In the first – HTML-based – version of RolandHT, semantic information was encoded into the project by way of toggling (using JavaScript) visibility of such information when the user clicks on a given link. For example, the Song of Roland excerpt titled "knight, ambassador, coward" has a hyperlink around Roland's words to his stepfather Ganelon: "I love you not a bit":

Figure 1
Figure 1. "Knight, ambassador coward" hyperlink.


Love in general, and its lack between Roland and Ganelon in particular, is a recurrent theme in the corpus. An interesting exception to this is the Karlamagnús Saga episode in which the two meet, become kin, and swear fellowship to each other. To highlight this, clicking on the link brings up an overlaid comment, "Ah, but they loved each other once," complete with a link to the excerpt titled "how rollant met guenelun":

Figure 2
Figure 2. "Knight, ambassador coward": hyperlink clicked.
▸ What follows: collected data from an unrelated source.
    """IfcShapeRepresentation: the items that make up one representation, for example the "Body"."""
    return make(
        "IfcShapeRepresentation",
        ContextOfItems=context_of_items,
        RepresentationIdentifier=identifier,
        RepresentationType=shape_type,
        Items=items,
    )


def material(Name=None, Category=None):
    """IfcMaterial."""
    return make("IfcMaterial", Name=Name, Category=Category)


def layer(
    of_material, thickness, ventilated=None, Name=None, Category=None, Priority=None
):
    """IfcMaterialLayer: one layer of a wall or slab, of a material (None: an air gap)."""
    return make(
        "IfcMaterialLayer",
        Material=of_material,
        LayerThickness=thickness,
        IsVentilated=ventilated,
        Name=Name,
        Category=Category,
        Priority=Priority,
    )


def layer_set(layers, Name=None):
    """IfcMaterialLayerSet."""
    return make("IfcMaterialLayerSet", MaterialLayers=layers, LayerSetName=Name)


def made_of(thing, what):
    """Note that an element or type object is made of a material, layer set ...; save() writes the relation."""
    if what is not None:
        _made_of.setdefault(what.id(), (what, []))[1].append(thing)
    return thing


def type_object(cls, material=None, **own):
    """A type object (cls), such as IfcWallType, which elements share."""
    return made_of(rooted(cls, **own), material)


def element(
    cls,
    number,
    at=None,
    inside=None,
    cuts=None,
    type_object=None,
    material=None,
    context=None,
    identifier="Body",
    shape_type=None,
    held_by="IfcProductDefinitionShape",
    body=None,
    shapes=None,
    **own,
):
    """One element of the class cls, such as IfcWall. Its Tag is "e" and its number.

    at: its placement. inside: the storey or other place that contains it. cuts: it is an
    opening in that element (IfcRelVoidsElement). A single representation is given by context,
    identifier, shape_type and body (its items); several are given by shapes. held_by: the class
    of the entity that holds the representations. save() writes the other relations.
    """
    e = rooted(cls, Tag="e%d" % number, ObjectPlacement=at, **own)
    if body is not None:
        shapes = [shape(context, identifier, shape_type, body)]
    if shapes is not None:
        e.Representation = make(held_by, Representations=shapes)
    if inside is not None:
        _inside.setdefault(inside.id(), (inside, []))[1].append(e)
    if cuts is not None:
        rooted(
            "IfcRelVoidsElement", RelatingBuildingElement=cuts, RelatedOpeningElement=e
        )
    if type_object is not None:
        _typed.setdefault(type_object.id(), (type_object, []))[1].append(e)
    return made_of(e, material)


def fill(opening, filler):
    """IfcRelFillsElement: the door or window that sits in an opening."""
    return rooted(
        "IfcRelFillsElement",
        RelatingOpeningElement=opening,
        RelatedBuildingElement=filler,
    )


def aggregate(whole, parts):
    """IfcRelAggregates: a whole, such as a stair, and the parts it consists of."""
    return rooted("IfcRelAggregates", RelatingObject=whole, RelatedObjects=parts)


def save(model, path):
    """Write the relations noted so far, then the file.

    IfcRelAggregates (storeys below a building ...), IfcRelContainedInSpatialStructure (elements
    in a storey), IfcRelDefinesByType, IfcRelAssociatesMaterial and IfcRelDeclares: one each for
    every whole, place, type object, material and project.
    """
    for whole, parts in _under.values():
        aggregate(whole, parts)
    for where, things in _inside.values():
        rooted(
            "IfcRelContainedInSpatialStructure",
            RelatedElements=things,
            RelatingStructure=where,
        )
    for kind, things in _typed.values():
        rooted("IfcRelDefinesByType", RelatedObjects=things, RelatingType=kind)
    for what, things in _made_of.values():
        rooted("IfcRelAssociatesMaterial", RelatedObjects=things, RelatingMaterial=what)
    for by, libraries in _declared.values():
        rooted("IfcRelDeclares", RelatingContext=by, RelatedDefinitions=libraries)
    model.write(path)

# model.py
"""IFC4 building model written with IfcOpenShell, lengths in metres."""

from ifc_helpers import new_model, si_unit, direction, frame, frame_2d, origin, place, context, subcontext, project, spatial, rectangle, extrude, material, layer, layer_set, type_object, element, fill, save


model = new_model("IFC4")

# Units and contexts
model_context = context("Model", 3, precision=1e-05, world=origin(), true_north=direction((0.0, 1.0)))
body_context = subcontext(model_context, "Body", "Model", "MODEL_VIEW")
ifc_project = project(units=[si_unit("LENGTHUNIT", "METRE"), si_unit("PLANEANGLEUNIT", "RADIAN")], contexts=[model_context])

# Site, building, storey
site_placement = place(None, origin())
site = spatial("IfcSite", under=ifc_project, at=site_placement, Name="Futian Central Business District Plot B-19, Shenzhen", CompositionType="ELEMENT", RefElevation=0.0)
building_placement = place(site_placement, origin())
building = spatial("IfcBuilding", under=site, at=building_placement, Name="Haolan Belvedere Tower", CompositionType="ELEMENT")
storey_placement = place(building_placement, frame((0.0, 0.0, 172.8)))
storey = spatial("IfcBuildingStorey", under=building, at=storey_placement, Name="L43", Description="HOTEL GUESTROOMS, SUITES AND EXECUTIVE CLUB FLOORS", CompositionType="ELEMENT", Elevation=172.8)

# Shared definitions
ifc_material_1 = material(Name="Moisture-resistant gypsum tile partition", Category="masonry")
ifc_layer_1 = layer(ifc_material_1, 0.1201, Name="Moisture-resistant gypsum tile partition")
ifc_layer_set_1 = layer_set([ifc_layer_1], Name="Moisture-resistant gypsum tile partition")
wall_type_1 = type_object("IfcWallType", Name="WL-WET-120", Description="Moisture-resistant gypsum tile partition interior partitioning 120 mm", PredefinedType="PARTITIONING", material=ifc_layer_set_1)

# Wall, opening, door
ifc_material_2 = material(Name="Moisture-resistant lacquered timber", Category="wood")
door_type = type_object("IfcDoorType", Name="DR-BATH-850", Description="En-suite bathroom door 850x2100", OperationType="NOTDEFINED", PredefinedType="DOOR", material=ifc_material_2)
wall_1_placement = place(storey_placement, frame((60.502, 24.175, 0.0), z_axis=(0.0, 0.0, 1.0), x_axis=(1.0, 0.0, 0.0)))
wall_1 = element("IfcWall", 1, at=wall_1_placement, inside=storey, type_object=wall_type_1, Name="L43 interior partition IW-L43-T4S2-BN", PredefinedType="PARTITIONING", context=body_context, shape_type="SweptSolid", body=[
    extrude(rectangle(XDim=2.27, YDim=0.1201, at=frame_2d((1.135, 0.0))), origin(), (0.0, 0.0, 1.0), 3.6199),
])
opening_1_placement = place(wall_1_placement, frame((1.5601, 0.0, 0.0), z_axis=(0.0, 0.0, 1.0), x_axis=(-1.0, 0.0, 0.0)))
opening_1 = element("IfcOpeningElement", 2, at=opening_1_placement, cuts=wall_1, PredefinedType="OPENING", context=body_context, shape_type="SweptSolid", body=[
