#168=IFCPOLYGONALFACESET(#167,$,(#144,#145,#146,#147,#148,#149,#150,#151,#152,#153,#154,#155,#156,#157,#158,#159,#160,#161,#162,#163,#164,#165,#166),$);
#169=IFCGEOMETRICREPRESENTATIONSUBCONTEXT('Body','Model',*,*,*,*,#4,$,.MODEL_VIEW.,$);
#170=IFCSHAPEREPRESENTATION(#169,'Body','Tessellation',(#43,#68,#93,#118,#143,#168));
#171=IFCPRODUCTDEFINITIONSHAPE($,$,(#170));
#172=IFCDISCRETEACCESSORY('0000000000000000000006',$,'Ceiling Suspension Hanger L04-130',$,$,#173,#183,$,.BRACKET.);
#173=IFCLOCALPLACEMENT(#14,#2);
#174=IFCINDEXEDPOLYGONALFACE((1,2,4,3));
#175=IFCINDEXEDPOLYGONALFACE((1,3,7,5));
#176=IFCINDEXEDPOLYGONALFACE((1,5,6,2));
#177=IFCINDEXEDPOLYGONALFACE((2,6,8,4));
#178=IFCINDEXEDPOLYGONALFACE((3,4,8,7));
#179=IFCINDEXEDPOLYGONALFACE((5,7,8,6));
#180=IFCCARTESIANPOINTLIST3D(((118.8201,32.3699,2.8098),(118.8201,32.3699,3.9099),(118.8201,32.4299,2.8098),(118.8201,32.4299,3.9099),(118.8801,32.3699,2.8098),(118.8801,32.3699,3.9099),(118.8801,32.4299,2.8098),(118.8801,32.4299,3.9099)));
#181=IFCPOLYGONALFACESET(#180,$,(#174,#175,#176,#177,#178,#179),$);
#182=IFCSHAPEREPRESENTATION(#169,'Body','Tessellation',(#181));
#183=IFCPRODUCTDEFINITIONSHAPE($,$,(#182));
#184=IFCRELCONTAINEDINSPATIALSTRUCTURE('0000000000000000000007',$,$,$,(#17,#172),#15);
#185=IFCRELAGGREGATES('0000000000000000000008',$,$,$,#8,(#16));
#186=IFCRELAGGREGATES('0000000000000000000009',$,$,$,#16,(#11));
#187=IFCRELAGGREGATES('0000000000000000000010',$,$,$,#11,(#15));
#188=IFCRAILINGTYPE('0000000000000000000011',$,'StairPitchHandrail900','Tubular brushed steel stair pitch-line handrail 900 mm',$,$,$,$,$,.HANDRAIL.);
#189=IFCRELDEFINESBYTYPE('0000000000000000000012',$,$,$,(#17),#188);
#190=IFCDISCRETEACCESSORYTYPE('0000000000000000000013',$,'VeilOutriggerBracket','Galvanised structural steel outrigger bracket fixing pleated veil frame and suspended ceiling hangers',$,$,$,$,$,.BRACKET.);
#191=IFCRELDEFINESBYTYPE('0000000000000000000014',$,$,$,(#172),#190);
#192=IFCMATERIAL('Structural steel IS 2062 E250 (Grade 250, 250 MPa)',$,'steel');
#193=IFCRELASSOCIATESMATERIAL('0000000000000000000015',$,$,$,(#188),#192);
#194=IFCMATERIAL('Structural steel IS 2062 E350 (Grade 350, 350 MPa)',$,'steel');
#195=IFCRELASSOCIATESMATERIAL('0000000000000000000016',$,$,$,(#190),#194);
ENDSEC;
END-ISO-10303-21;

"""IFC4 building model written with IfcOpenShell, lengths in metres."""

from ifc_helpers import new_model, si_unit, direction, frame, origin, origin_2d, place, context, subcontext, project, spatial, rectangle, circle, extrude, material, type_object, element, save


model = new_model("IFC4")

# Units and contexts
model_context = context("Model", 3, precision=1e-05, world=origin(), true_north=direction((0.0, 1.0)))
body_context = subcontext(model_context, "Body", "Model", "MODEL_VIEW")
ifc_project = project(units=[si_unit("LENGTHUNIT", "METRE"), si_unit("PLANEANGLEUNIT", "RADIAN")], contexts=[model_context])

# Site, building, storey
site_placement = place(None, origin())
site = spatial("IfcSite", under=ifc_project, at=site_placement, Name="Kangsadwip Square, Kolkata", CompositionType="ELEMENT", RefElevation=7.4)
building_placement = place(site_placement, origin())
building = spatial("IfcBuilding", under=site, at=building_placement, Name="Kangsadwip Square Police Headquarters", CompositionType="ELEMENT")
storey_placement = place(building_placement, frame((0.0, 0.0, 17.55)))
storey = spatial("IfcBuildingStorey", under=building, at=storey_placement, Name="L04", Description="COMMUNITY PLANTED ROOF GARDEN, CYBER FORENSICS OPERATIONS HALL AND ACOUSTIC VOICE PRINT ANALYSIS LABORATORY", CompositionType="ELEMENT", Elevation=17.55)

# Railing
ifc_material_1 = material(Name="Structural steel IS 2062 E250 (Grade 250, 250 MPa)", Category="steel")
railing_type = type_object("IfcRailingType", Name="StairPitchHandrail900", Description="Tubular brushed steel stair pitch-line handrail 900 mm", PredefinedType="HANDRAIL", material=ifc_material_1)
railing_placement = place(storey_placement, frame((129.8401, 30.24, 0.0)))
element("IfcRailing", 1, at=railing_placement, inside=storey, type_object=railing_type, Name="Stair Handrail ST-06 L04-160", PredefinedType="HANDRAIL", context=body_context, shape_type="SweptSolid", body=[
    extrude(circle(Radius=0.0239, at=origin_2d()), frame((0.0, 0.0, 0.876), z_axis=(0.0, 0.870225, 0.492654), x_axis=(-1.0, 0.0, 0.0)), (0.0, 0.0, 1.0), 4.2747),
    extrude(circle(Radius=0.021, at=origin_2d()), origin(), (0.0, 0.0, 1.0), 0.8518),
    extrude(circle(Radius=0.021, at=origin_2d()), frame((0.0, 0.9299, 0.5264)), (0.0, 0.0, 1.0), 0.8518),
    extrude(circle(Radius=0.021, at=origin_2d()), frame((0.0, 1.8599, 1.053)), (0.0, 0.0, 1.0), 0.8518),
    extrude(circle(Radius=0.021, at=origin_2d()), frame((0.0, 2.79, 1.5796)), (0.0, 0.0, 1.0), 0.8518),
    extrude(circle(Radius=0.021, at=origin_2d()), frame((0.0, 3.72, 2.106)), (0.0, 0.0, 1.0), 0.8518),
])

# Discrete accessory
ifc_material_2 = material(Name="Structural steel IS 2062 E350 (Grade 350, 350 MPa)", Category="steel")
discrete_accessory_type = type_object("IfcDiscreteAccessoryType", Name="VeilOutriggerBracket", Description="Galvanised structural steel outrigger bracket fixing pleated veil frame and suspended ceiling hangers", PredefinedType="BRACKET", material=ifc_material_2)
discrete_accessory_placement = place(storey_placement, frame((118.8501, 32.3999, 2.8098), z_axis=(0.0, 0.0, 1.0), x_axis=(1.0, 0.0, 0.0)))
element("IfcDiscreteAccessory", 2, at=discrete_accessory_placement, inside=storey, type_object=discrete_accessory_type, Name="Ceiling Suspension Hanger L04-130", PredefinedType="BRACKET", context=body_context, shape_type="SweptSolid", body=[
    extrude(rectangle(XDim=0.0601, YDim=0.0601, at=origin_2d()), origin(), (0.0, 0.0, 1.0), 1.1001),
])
This approach proved frustrating for most of the twenty or so informal beta testers of the project in 2001: every link required two clicks instead of the customary one, considerably slowing down the reading process. In addition, although the prose blurbs conveyed thematic information, there was no categorized theme set. Consequently there was no way to see, for example, a list of all the excerpts treating the subject of love.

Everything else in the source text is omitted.